La mediatización no es una novedad del 29, aunque el 29 la elección en la provincia de Buenos Aires pareció transcurrir por esa escena de un modo primordial. El programa de Tinelli no es más que el reconocimiento brutal de esa nueva situación que en el fondo todos intuimos. También los derrotados en la elección, apostadores en la ruleta mediática, ensoñados trabajadores de la imagen que transcurría en esa otra escena. Y, a la vez, ingenuos frente a la corrosión que esa escena trae para la vida política. ¿Cuántas candidaturas se han definido atendiendo al conocimiento de la “gente”? ¿Cuántos funcionarios han llegado a sus cargos de la mano de la medición encuestológica?

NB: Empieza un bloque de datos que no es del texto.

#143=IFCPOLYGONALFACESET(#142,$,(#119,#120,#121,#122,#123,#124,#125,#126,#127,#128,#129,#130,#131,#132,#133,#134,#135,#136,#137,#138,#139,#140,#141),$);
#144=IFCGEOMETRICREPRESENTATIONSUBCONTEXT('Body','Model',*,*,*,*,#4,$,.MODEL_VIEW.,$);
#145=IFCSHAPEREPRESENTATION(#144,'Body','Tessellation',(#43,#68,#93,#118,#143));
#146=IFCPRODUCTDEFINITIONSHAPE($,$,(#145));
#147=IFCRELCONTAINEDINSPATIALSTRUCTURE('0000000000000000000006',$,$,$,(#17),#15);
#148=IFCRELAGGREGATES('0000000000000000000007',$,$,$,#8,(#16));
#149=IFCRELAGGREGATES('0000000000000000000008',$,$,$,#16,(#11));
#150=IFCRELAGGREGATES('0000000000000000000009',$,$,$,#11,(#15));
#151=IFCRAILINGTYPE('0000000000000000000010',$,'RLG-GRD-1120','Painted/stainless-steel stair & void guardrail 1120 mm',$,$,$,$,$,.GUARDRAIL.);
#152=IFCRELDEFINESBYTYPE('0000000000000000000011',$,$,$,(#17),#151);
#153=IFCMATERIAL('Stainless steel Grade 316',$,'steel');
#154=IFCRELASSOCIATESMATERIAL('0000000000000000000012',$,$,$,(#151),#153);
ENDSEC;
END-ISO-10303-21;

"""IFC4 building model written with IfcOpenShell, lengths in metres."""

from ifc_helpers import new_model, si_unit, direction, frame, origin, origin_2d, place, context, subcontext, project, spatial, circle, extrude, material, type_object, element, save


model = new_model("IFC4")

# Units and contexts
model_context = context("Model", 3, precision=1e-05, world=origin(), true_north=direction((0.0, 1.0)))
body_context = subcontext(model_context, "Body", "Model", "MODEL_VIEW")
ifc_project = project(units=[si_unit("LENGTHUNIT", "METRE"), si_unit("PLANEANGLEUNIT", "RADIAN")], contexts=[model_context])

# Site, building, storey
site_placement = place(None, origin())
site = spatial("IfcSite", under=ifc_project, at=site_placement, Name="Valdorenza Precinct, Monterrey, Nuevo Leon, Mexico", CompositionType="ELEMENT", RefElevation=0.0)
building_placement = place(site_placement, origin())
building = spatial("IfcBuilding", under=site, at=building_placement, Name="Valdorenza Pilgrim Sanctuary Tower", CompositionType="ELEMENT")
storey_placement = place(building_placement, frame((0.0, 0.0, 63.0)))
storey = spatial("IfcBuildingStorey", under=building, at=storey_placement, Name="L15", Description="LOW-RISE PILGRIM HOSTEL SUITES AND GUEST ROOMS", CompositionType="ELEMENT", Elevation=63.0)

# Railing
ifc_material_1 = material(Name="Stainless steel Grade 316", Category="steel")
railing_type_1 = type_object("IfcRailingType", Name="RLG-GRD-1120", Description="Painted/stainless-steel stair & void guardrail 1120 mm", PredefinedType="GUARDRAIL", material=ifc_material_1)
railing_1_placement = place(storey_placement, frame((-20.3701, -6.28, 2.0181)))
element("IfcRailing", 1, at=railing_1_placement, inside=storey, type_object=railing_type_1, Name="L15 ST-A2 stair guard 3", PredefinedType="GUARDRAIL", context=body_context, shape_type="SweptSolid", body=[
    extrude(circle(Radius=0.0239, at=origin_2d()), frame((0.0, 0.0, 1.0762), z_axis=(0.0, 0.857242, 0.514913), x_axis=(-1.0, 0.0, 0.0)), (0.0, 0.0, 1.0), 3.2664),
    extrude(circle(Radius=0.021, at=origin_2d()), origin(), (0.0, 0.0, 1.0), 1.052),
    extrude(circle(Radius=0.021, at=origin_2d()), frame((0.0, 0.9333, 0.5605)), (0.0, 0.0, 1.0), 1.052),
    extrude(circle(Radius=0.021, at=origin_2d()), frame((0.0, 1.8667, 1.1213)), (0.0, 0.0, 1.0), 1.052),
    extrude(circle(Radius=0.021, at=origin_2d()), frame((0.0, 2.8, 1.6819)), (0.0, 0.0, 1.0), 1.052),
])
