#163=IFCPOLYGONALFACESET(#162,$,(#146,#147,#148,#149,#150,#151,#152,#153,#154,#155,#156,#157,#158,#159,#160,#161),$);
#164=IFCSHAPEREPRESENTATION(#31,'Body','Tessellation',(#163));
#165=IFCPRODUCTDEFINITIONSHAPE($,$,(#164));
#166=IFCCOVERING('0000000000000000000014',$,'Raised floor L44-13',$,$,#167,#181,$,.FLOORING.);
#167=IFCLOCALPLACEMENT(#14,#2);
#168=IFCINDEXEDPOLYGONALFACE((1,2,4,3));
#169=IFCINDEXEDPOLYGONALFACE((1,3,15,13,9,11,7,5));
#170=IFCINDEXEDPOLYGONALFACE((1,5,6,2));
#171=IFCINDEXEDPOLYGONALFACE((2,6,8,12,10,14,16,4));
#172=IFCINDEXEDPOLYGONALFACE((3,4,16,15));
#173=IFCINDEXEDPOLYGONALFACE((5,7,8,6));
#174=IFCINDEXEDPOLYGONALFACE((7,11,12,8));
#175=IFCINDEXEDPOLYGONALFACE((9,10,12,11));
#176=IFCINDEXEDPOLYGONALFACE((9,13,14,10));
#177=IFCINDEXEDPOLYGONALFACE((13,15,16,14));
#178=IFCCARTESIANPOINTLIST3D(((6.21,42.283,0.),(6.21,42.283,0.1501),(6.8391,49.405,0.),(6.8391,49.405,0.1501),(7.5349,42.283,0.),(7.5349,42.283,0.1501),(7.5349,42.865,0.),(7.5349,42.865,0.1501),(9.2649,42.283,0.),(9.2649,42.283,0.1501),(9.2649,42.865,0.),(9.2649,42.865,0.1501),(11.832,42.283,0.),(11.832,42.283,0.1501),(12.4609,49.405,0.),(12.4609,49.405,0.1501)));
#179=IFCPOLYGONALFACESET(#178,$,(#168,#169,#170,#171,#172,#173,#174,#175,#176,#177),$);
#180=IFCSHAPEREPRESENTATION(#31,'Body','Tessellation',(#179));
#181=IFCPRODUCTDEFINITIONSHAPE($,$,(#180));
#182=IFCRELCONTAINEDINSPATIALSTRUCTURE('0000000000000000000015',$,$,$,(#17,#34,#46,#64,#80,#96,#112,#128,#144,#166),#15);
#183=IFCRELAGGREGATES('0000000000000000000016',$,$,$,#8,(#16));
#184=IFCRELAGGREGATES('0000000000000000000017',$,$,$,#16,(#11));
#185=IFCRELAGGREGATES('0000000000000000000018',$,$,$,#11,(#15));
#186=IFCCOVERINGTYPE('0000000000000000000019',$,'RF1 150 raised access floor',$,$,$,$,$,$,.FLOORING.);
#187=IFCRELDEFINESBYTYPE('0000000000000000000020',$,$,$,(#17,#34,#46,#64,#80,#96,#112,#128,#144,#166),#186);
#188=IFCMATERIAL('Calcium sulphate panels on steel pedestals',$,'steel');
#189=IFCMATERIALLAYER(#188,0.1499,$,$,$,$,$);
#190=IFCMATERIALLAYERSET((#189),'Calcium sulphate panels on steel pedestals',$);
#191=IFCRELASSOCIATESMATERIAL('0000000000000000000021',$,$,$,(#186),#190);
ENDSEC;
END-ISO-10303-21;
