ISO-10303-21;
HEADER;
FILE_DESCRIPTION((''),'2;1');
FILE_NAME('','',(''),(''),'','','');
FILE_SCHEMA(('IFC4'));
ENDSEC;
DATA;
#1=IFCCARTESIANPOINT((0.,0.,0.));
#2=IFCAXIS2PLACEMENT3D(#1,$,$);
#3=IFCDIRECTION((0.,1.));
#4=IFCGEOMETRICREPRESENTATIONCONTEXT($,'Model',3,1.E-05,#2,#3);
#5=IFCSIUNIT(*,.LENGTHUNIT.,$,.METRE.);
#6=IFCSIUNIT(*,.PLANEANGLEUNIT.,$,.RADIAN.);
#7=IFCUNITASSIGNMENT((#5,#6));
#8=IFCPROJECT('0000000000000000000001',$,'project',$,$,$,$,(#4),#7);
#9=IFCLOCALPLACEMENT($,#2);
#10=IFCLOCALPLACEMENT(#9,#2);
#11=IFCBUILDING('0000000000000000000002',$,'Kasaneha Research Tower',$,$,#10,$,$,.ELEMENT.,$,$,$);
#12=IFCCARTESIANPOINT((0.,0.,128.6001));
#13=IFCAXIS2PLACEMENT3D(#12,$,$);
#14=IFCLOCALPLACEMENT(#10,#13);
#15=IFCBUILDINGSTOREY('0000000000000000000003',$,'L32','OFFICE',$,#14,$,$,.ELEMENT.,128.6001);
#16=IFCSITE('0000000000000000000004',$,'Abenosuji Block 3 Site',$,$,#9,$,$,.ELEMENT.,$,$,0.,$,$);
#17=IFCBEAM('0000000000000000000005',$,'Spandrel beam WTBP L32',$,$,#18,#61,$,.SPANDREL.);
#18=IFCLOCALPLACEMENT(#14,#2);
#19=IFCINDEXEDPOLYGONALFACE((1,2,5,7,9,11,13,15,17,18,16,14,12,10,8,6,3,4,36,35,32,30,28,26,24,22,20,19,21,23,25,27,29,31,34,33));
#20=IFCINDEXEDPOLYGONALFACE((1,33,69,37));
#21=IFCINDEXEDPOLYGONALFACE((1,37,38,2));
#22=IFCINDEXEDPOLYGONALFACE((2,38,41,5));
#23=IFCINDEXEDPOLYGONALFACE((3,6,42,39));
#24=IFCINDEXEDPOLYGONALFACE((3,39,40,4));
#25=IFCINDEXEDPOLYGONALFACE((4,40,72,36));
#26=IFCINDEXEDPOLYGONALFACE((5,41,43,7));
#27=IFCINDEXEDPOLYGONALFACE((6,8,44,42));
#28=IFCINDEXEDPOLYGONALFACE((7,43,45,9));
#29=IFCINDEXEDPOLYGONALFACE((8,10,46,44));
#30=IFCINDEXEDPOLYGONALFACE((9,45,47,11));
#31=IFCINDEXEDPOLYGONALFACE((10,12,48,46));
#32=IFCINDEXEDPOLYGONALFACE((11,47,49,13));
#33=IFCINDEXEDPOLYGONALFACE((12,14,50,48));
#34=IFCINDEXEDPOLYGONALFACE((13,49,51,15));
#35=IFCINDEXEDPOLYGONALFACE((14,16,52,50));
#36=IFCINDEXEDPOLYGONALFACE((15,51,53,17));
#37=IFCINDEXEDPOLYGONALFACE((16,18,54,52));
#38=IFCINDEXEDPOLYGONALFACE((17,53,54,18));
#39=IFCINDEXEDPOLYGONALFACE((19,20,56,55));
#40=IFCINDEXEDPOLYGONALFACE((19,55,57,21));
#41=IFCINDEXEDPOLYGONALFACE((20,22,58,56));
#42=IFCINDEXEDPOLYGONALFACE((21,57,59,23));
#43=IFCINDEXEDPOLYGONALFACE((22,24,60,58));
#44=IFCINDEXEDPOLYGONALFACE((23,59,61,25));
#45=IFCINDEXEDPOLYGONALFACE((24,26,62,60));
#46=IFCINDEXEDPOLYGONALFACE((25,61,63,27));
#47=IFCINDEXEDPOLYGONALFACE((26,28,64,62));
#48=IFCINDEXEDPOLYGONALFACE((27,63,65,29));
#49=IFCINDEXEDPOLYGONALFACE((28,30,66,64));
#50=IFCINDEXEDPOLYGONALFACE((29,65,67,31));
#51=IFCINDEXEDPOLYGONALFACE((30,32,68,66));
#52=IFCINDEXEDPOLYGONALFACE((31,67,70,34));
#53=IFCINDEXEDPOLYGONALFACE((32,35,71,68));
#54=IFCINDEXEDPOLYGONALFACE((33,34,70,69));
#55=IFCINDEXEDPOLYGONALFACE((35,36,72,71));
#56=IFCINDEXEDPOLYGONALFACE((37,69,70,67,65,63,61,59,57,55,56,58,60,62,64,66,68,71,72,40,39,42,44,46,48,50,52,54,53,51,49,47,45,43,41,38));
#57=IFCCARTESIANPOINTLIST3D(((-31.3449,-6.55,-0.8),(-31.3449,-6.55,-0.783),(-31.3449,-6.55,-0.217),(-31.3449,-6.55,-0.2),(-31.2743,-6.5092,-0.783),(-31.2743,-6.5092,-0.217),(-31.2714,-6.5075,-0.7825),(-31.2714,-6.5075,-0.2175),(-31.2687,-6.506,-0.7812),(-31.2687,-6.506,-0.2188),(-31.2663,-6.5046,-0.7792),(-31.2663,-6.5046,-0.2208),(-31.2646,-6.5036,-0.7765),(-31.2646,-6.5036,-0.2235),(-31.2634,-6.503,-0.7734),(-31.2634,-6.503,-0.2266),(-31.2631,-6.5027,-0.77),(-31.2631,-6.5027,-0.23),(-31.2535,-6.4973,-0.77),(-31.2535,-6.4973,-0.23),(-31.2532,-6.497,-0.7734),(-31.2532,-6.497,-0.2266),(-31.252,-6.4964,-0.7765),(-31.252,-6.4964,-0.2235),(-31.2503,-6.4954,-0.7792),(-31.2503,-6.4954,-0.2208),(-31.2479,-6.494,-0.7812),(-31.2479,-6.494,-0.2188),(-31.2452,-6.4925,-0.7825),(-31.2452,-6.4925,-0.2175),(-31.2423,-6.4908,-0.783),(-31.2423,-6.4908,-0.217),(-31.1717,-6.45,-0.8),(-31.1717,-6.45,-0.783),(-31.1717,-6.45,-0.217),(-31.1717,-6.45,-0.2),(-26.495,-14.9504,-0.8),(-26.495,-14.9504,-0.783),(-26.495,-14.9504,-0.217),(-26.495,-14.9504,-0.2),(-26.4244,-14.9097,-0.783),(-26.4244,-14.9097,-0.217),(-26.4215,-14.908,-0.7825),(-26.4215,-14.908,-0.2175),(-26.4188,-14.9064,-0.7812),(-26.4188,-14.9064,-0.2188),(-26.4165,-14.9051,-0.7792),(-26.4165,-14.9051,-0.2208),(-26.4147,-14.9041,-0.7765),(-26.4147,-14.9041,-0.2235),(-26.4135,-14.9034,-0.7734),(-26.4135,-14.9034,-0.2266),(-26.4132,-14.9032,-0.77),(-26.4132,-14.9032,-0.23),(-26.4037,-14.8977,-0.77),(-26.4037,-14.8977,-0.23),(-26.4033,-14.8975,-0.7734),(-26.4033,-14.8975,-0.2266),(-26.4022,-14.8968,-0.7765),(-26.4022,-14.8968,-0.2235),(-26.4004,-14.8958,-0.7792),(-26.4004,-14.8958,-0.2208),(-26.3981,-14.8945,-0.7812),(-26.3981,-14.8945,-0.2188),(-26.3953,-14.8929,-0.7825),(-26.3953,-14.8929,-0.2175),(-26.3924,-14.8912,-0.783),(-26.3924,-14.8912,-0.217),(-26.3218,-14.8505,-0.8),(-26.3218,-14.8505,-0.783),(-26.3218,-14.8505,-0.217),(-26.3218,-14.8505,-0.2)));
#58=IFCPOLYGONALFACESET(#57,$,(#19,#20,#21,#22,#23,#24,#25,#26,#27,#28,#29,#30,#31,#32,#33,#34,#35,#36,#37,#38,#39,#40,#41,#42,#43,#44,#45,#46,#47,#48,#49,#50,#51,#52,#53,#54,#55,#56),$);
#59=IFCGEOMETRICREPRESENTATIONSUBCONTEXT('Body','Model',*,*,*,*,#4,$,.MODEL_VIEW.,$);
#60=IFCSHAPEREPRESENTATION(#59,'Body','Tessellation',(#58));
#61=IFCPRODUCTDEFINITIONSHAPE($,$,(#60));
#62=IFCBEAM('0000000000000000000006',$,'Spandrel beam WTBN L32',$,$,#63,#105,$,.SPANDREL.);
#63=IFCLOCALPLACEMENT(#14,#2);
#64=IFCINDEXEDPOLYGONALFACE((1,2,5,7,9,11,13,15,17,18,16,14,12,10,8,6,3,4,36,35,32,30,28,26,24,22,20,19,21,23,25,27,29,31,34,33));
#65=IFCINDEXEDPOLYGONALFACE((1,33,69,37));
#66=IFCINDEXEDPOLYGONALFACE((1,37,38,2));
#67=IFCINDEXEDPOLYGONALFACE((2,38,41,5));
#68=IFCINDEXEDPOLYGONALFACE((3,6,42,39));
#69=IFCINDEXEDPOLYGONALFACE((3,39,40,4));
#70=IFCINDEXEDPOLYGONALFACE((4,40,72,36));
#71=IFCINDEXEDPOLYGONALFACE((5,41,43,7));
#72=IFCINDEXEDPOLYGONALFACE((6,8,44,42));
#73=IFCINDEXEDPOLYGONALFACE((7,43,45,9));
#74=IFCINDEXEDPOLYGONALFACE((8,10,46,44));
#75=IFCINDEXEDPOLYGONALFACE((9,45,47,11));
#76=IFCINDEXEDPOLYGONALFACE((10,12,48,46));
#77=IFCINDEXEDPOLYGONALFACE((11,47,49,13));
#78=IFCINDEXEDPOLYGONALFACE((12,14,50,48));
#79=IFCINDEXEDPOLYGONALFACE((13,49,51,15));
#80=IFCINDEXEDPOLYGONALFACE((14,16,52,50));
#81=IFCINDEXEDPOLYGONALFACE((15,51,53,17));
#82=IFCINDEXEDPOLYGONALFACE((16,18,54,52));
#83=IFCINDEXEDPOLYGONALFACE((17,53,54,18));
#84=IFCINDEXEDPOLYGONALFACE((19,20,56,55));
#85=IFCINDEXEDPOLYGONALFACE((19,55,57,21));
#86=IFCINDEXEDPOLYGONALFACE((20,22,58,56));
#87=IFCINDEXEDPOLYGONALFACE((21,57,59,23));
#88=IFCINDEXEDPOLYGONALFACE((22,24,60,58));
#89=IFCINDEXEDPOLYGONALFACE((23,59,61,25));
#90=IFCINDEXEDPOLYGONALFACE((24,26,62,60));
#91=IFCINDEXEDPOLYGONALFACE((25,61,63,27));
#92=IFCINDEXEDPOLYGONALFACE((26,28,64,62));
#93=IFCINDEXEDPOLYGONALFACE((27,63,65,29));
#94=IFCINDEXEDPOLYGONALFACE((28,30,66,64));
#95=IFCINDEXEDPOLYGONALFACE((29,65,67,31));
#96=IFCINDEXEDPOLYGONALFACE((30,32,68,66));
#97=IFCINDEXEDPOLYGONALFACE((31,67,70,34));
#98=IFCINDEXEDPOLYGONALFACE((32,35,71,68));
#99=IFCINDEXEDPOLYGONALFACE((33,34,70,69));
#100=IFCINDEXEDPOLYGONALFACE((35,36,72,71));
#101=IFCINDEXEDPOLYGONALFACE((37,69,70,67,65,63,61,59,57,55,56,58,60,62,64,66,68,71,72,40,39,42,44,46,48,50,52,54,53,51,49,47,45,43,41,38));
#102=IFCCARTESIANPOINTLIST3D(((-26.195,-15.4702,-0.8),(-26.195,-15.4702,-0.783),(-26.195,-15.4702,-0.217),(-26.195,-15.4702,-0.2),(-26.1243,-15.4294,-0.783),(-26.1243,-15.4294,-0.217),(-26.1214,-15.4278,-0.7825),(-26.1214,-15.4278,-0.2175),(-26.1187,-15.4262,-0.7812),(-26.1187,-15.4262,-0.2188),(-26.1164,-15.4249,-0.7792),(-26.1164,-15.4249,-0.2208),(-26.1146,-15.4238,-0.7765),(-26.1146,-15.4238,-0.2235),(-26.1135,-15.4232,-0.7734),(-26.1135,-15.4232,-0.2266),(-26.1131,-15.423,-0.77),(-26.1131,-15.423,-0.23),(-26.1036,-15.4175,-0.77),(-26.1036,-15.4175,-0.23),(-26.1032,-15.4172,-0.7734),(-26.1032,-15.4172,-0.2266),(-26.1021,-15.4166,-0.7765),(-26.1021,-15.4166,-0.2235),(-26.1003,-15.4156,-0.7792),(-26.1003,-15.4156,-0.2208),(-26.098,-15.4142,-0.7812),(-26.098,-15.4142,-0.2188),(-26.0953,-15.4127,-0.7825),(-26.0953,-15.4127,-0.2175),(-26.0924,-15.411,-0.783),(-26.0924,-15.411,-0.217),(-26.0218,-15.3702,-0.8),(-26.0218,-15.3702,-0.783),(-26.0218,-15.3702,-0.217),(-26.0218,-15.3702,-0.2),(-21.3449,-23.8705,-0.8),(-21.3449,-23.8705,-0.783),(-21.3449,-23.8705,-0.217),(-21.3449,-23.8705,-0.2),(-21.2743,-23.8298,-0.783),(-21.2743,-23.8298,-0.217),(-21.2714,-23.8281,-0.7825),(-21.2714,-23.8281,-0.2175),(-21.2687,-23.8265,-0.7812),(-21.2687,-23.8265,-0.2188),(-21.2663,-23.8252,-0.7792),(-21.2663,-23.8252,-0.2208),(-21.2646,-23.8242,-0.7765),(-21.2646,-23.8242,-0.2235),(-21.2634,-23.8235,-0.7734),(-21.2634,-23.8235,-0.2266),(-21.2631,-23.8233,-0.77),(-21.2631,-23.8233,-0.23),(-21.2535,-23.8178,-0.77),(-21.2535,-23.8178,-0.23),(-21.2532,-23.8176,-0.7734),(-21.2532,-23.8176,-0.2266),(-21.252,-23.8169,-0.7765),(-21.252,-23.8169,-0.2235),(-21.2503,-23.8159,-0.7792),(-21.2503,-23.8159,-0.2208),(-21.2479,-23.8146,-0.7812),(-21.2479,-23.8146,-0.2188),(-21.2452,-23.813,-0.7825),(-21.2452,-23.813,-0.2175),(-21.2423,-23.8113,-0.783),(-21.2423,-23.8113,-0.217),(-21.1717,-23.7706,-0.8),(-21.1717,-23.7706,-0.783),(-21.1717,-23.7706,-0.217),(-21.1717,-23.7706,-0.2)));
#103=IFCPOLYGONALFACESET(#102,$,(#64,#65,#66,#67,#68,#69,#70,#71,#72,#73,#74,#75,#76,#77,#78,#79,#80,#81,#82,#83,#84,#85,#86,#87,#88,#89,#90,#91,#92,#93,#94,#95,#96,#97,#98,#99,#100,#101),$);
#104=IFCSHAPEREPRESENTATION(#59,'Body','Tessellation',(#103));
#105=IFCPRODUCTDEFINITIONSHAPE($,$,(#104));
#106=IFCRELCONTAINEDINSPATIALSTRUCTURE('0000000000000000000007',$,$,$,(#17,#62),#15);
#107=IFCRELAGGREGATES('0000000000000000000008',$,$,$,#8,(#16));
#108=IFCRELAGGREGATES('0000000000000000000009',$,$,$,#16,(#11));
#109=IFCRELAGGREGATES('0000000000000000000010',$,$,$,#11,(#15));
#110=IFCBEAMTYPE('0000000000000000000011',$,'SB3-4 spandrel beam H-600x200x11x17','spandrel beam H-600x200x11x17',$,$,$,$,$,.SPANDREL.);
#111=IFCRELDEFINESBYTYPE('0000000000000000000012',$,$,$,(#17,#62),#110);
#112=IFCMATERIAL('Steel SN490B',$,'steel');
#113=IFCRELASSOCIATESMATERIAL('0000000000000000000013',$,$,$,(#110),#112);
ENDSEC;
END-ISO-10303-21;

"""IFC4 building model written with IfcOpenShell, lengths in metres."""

from ifc_helpers import new_model, si_unit, direction, frame, origin, origin_2d, place, context, subcontext, project, spatial, i_section, extrude, material, material_profile, profile_set, type_object, element, save


model = new_model("IFC4")

# Units and contexts
model_context = context("Model", 3, precision=1e-05, world=origin(), true_north=direction((0.0, 1.0)))
body_context = subcontext(model_context, "Body", "Model", "MODEL_VIEW")
ifc_project = project(units=[si_unit("LENGTHUNIT", "METRE"), si_unit("PLANEANGLEUNIT", "RADIAN")], contexts=[model_context])

# Site, building, storey
site_placement = place(None, origin())
site = spatial("IfcSite", under=ifc_project, at=site_placement, Name="Abenosuji Block 3 Site", CompositionType="ELEMENT", RefElevation=0.0)
building_placement = place(site_placement, origin())
building = spatial("IfcBuilding", under=site, at=building_placement, Name="Kasaneha Research Tower", CompositionType="ELEMENT")
storey_placement = place(building_placement, frame((0.0, 0.0, 128.6001)))
storey = spatial("IfcBuildingStorey", under=building, at=storey_placement, Name="L32", Description="OFFICE", CompositionType="ELEMENT", Elevation=128.6001)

En estos días amargos que sucedieron a la elección, no pocos han señalado que el problema para el kirchnerismo es la ausencia de organización política. No creo haberme eximido de oblar mi aporte a ese comentario. Es la escena en la que, se sospecha, podría transcurrir la política no mediática. Quizás. Pero también habría que pensar una escena alternativa a la de la organización. Una escena producida por actos, movilizaciones y rasgaduras simbólicas. Se podría decir mejor pero sólo lo intuyo en esta forma balbuceante: una escena que no sea la territorialidad del partido ni la luminosidad del set. Que sea, más bien, la que sólo muy de vez en cuando aparece: la de la invención política. En esas imaginaciones se dirime también el destino de estos años. Porque si no existen tampoco estarán a salvo las imaginaciones anteriores.
* Socióloga, ensayista, docente de la Facultad de Ciencias Sociales (UBA).